In many areas of sub-Saharan Africa, male migration has led to the feminization of smallholder agriculture. The lack of societal adaptation to these changes, in terms of reorientation and redirection of agricultural services and resources towards women farmers, and the failure to provide women farmers with incentives, however, carries the heavy price of low agricultural productivity, lack of interest in adopting long-term land improvements and agricultural investments, and lack of food self-sufficiency for the household.
Women's income can also play a crucial role in the dynamics of intra-household allocation of resources. The visibility of this key variable is an especially important factor. In the context of low-income households (particularly of rural households), women's income, although usually very low, often represents as much as 40 to 50 per cent of the total household income. In-depth studies in various developing countries (e.g. Honduras) have revealed that, despite the crucial role that women's income often plays for family survival, in the traditional context of low-income households the size and importance of this income is usually not acknowledged by husbands. This is because such an acknowledgement would constitute an admission of the husband's inadequacy as a breadwinner, and would tend to undermine his unquestioned dominance (Safilios-Rothschild, 1988).
The maintenance of invisibility in this case is facilitated by the characteristics of women's income, particularly of rural women's income, and a number of mechanisms women (and men) use to minimize the significance of women's economic contributions. Their income is usually earned in very small sums from a variety of sources (such as selling eggs and chicken, foodstuffs, straw mats, or small quantities of crops). Moreover, it is unpredictable in that there is no regular amount and no set time when it is earned, as there would be with a regular pay cheque. Finally, since women in low-income households often use these small sums almost immediately to buy food or other needed household items, they do not always have the chance to develop the concept of an income that they earn and control. Interviewed rural women sometimes report that they do not earn an income, or that they earn less than is the case. This perception reduces the threat that a wife's earnings may represent to a husband with marginal income-earning capacity (Safilios-Rothschild, 1983, 1988). The combined class and sex theoretical model predicts that increases in women's income will tend to remain invisible if they are perceived as threatening to the image of men as breadwinners. Indeed, in-depth studies in rural Honduras have shown that when husbands do not earn a sufficient income to support their families properly, and when their wives earn almost as much as they do, the threat is diminished through a variety of mechanisms which minimize the importance of their wives' incomes. Although it is difficult to achieve the total invisibility of women's earnings, men grossly underestimate this income and thus are able more comfortably to retain power and authority. This distorted perception is reinforced by the characteristics of the income and by the women themselves, who understate what they earn partly in order not to threaten their husbands (Safilios-Rothschild, 1988).

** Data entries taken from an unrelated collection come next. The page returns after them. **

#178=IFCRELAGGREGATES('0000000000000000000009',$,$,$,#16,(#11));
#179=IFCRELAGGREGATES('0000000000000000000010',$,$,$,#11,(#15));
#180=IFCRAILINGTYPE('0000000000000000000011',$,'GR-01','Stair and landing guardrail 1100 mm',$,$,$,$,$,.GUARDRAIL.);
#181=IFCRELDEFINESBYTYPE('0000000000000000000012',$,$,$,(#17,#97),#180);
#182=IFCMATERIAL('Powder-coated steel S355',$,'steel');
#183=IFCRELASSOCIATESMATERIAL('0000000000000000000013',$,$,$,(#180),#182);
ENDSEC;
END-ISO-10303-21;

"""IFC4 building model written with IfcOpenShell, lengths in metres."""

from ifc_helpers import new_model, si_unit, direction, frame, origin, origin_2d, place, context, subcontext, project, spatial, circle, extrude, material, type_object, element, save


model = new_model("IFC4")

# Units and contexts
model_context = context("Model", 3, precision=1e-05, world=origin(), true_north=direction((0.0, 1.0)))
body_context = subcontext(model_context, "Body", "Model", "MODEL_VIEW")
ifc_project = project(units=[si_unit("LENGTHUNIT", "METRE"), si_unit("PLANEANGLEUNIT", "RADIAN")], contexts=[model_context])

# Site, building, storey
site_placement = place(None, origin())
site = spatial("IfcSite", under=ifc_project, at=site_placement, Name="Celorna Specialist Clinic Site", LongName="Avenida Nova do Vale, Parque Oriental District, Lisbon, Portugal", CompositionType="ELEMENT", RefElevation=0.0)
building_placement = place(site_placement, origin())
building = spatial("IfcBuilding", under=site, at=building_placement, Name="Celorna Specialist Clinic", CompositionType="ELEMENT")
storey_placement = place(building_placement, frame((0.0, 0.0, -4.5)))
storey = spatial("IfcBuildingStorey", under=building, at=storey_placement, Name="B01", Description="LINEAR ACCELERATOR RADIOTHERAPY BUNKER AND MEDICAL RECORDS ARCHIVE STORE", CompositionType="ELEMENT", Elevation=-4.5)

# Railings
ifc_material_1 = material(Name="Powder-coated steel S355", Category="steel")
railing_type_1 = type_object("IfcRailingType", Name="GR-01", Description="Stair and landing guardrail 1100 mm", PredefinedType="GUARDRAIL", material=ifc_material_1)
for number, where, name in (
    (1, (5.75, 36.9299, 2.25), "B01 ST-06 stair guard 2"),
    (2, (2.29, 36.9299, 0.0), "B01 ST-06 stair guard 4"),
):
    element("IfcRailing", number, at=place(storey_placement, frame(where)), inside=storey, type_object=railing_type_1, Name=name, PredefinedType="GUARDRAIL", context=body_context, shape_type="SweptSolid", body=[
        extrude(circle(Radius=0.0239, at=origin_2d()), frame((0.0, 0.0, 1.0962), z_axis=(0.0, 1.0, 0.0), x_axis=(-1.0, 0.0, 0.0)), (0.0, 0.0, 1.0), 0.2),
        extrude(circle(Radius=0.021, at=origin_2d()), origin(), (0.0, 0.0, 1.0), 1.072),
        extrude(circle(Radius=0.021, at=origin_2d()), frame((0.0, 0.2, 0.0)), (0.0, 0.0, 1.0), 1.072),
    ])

Under these circumstances, women's income can easily remain invisible. Its characteristics in low-income rural households (e.g. irregularity, unpredictability, and small amounts from different sources) explain not only the fact that increases in women's earnings often pass totally unnoticed, but also such increases do not in any way affect the allocation of women's labour, time (especially for leisure), or decision-making power within the household. It is only when women earn a visible, stable, and substantial income from agricultural and market activities or from wages, and when husbands earn a secure income, larger than their wives', that the distribution of labour, time, and decision-making power is shifted according to the importance of the wives' economic contributions (Safilios-Rothschild and Dijkers, 1978; Safilios-Rothschild, 1988). What is unknown within this type of household context and needs to be researched is the extent to which invisible increases in women's income lead to positive changes in the intra-household allocation of food and/or health care, even when there is no reallocation of other inputs such as power or time and tasks.

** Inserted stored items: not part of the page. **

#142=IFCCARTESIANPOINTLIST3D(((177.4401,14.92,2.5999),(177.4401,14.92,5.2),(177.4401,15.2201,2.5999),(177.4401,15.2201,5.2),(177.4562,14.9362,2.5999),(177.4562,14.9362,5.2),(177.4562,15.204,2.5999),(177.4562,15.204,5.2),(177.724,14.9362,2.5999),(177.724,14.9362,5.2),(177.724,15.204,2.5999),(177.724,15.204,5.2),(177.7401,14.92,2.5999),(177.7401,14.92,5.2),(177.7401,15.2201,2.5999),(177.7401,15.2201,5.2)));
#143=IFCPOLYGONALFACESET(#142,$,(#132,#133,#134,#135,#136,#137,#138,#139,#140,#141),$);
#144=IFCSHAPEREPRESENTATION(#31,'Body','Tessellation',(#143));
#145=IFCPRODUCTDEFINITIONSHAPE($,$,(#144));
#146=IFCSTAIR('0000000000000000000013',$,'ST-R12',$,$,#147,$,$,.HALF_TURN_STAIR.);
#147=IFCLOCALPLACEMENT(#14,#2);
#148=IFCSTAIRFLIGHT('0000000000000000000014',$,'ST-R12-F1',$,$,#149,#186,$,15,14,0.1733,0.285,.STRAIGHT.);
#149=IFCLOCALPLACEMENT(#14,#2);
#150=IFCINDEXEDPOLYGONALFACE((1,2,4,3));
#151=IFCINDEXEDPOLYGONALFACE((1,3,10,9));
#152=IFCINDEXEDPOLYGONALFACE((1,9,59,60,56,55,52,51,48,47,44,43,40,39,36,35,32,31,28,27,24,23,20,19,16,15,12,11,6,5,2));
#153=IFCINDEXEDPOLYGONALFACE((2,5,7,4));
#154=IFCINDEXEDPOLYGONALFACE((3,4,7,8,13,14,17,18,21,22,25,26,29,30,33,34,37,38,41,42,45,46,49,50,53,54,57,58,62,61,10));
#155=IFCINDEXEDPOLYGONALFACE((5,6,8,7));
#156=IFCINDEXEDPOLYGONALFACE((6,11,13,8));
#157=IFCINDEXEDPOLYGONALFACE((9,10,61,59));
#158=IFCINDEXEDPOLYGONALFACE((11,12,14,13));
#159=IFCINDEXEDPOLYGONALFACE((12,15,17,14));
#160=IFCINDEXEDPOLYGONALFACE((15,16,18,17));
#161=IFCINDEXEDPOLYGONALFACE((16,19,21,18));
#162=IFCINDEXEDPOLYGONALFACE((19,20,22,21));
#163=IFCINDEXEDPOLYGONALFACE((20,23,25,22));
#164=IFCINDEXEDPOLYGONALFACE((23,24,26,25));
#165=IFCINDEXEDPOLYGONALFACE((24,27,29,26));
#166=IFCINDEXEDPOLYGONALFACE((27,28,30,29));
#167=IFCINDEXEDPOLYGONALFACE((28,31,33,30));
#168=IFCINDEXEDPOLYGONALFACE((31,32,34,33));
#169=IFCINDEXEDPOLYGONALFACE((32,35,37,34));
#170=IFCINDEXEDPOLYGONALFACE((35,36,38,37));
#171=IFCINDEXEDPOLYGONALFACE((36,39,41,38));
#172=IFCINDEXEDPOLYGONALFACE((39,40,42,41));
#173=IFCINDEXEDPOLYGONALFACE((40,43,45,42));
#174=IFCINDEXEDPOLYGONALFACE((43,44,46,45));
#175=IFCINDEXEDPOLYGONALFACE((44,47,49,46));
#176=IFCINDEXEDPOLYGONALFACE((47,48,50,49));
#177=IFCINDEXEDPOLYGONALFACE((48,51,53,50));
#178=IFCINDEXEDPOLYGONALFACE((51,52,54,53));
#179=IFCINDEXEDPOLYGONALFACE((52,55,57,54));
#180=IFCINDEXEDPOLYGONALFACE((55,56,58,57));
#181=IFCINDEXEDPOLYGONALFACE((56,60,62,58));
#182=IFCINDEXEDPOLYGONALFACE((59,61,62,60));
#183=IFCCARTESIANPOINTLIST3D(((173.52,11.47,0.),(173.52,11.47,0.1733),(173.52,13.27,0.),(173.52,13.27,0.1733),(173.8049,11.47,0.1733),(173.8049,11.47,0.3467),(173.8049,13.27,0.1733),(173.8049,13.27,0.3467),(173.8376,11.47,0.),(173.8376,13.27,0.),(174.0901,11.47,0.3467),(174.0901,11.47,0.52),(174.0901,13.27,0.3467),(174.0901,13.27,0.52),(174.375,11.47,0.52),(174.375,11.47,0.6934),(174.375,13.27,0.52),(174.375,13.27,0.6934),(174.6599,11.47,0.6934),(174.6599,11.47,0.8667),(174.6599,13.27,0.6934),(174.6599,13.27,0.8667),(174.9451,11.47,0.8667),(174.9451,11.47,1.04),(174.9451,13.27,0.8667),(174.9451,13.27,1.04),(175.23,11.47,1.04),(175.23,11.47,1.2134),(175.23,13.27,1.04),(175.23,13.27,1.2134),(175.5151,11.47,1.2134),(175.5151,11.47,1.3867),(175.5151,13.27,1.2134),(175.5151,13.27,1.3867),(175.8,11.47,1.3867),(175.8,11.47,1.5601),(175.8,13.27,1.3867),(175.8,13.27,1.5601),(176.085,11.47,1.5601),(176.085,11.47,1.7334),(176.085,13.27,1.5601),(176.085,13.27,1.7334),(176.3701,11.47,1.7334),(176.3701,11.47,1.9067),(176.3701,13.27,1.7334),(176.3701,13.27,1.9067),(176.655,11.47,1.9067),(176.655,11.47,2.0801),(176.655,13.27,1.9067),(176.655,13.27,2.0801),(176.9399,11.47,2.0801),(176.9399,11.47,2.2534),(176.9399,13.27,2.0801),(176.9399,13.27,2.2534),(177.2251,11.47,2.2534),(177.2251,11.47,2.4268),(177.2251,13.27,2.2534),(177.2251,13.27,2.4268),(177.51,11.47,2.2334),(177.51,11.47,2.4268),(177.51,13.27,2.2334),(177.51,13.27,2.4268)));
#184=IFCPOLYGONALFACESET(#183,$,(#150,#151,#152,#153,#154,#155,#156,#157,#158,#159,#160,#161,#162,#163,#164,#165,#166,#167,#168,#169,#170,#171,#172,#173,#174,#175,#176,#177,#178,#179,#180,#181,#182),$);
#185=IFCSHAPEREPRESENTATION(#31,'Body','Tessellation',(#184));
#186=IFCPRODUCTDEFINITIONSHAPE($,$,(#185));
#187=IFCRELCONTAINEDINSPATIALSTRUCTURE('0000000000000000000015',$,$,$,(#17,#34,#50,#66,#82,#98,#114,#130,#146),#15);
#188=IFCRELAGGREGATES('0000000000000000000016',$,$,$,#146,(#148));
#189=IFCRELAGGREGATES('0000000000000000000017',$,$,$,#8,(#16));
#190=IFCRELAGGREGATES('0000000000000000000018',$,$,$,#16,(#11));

When, on the other hand women's income becomes visible as a result of the shared earnings from a women's co-operative or group, or from participation in the formal employment sector, and the sums of money earned are both more regular and more substantial, the usual mechanisms for minimizing women's monetary contribution and maintaining its invisibility are no longer effective. In areas in which social structural conditions make it very difficult for men to be adequate breadwinners, women's access to income generated through such visible means is even more of a threat to men's status and identity. Powerful mechanisms are called into play to maintain the sex-stratification bias. In some cases, men have taken over the control of development projects that exclusively benefit women as soon as they show some potential for generating a substantial income (Bekele, 1982; Noble and Nolan, 1983; Sundar, 1981). In Mombasa, Kenya, for instance, it was found that in areas in which men had poorly paid, marginal occupations, the incomes women earned through group projects were controlled by the men, and the women were not able to acquire prestige or decision-making power as a function of such income (McCormack et al., 1986).
Within the context of a powerful and pervasive sex-stratification system, men cannot adapt to social and economic changes that significantly increase women's access to income, the key resource. Instead, under these circumstances, they usually resort to mechanisms that neutralize the impact of ongoing changes, and thus preserve the sex-stratification status quo. The degree of potential rigidity of adult male household members in response to women's increased and visible access to income becomes even more accentuated when all these mechanisms fail to bring about the desired outcome. Men have been found to resort then to force and violence: they may usurp the women's earnings, even if they have to beat them up, or they may become more domineering, authoritarian, repressive, and violent at home than before in order to ensure that the integrity of the existing patriarchal power structure is not in any way challenged by women's changing status (de Graft-Johnson, 1984).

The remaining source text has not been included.